4. Which growing or future technology innovations in Field Service are you personally excited about?

Automation provides endless opportunities to support the field. Advanced workforce optimization, logistics, collaboration and mobile solutions enable service technicians to optimize customer engagements that will inspire customer loyalty. What I am most excited about is advanced vehicle technology, seamless software integration and remote tools (i.e., Google Glass, HelpLightning) that will let field technicians to “show” what they are seeing to inside support teams and enable collaboration to resolve issues. We also are using connectivity of our systems and solutions to link data with smart algorithms, thus predicting failures before they even occur. In Field Service, it’s also important always to build an integrated solution for activities such as work-order management, dispatch, scheduling, customer interaction, knowledge management fleet management and reporting.

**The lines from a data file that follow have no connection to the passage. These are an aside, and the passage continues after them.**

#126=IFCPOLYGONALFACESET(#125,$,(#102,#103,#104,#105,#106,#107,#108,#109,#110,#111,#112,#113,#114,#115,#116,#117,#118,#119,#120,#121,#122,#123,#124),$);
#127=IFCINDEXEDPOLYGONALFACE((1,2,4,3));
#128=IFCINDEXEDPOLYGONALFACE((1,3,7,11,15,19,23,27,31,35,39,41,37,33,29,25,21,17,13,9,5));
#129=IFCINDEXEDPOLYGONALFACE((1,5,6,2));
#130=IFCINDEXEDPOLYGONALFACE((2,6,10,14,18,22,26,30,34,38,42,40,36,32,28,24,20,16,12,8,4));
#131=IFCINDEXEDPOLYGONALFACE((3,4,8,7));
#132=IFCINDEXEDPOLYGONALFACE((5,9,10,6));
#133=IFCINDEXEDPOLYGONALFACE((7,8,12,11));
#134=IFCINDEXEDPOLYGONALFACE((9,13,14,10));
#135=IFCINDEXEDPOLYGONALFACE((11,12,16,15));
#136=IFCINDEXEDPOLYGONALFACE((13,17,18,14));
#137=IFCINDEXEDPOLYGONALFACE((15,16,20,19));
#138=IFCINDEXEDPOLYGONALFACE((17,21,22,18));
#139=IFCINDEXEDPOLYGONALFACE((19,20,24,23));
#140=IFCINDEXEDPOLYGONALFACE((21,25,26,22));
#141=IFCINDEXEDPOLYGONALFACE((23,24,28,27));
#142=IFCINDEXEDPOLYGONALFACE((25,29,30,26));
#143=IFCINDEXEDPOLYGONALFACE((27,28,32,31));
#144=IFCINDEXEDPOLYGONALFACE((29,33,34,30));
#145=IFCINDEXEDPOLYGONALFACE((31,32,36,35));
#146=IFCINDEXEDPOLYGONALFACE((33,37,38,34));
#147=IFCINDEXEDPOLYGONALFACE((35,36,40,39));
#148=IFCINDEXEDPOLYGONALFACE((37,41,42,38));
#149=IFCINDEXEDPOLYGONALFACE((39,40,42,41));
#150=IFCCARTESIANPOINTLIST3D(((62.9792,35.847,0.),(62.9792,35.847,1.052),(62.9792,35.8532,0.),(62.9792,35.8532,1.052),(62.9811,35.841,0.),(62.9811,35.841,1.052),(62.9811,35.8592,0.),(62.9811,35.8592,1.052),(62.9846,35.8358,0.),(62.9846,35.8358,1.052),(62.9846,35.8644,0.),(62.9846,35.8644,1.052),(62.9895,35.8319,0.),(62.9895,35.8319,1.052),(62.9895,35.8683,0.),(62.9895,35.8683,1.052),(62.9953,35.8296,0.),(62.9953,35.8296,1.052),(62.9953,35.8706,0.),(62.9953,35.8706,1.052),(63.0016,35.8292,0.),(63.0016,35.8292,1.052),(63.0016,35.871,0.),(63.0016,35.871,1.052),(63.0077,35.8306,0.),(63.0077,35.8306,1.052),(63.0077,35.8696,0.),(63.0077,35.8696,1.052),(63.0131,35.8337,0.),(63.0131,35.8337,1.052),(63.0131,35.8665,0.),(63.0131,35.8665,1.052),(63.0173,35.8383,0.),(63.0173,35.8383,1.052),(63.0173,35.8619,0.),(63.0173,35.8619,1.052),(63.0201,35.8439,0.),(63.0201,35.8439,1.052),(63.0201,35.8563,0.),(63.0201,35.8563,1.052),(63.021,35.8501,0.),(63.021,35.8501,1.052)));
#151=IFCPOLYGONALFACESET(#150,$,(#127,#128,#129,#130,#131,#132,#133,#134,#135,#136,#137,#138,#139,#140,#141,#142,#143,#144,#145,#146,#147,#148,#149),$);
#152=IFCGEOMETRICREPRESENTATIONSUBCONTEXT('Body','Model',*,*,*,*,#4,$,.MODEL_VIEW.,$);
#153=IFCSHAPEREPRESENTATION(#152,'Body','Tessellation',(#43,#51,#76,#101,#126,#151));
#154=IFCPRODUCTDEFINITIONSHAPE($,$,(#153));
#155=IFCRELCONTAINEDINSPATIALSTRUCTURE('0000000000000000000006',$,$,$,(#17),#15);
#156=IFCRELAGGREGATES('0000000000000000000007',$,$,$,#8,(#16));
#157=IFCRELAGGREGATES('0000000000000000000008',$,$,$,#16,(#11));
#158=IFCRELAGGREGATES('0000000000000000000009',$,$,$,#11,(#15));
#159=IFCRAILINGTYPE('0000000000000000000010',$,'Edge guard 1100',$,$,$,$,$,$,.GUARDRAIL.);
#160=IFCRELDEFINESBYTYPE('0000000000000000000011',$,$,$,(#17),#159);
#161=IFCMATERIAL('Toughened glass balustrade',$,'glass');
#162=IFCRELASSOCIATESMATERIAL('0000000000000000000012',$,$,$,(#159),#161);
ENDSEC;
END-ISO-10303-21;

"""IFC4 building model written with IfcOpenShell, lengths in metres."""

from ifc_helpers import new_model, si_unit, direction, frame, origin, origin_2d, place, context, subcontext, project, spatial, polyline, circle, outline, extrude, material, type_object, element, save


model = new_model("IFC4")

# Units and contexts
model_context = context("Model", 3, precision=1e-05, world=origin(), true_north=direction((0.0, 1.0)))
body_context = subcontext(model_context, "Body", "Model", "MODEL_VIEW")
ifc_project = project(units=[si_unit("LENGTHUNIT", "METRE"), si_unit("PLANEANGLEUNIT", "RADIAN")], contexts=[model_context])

There will always be a need for service and handling service correctly means building reasons for customers to stay and increasing sales. For companies to scale, technology can be designed to address the 3R’s: Reduce events, Remote fix and Reduce on-site time—and remote monitor and diagnostics technology is key. For example, to help reduce dispatch, we have customers call a centralized function for pre-clarification first. If we do need to dispatch, we then are able to better prepare our field technicians. And utilizing technology to quickly identify having the right people in the right place at the right time with the right tools improves efficiency. Additionally, we can conduct “Instant Replays,” where cross-functional teams along with the customer quickly review an event to identify areas of improvement.

5. We are all dealing with technology every day. How does technology drive Field Service?

When customers need field support it means something is broken, so the field workforce must optimize every customer interaction in order to change a negative into a positive. As a customer-centric organization we support a three-legged stool—employees, customers, and business. The challenges are greater than in previous years: our employees have higher demands, our customers are more sophisticated, and our competition is fiercer. In this environment, it is our people that will be the market differential and technology needs to support them. IT can be and has to be a game changer. Optimizing the entire service process from the customer incident through service delivery, root cause analysis and corrective action can be driven by technology solutions. Technology will be an enabler in how field service does their job and even what the job entails. The prevalence of connected devices opens up possibilities for proactive, even “touchless” services, as well as new commercial models quite unlike the traditional fee-for-service model.